My guess would be that macOS or Hazel is virtualizing /tmp in some way.
The file that is missing is supposed to be created by Ghostscript. (The gs -dQUIET command above tesseract.) That command completes without error, but the expected file is not created, so it's putting it somewhere else.

You could try setting an environment variable TMPDIR to redirect it to somewhere like /Users/you/tmp since I think that is less likely to be defeated.

After explicitly setting the TMPDIR environment variable as suggested, the script is working again. Here is the working version

Code: Select all: PATH=$PATH:/opt/homebrew/bin export PATH export TMPDIR="/Users/sam/tmp/" filename=$(basename "$1") converting_directory=~/Documents/processed/ if ocrmypdf --clean --rotate-pages --no-progress-bar -v 1 "$1" "$converting_directory""$filename" then tag -a "pdf/a,scan" "$converting_directory""$filename" rm $1 echo "OCR succeeded" else echo "OCR failed" fi

So at this point I guess my remaining questions are
1. Is this an appropriate solution for when Hazel needs to know about TMPDIR, and
2. What changed to make this solution necessary? How was Hazel able to access TMPDIR in the past?

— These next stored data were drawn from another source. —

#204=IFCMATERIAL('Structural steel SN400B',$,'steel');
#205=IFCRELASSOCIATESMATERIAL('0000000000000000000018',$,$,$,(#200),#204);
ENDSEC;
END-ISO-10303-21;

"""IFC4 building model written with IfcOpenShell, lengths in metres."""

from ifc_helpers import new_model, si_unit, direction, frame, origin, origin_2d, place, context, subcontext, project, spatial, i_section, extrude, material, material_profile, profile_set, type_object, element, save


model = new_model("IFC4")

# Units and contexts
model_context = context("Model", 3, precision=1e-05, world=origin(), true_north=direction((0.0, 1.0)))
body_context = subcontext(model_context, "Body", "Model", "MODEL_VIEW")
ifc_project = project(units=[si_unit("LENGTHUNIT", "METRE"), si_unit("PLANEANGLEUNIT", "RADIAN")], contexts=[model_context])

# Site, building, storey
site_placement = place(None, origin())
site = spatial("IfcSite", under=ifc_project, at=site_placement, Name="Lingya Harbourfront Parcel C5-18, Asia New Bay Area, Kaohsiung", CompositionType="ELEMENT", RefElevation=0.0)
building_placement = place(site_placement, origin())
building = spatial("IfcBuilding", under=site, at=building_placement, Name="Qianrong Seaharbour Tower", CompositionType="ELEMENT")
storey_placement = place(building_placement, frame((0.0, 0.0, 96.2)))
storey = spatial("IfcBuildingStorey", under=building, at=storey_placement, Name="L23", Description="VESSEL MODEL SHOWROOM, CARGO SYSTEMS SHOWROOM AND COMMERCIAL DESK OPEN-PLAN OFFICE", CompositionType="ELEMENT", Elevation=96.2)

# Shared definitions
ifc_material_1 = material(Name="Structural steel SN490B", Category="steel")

That would be the way to work around it. Is TMPDIR set when in Terminal?

Yes, when I echo $TMPDIR in Terminal it returns "/var/folders/blah/blah", but when I echo $TMPDIR in the Hazel embedded script it returns nothing.

So that would be a case of something you have to explicitly define in Hazel's environment.

Makes sense! Not sure how it was working before, but happy to have a solution. Thank you for the guidance.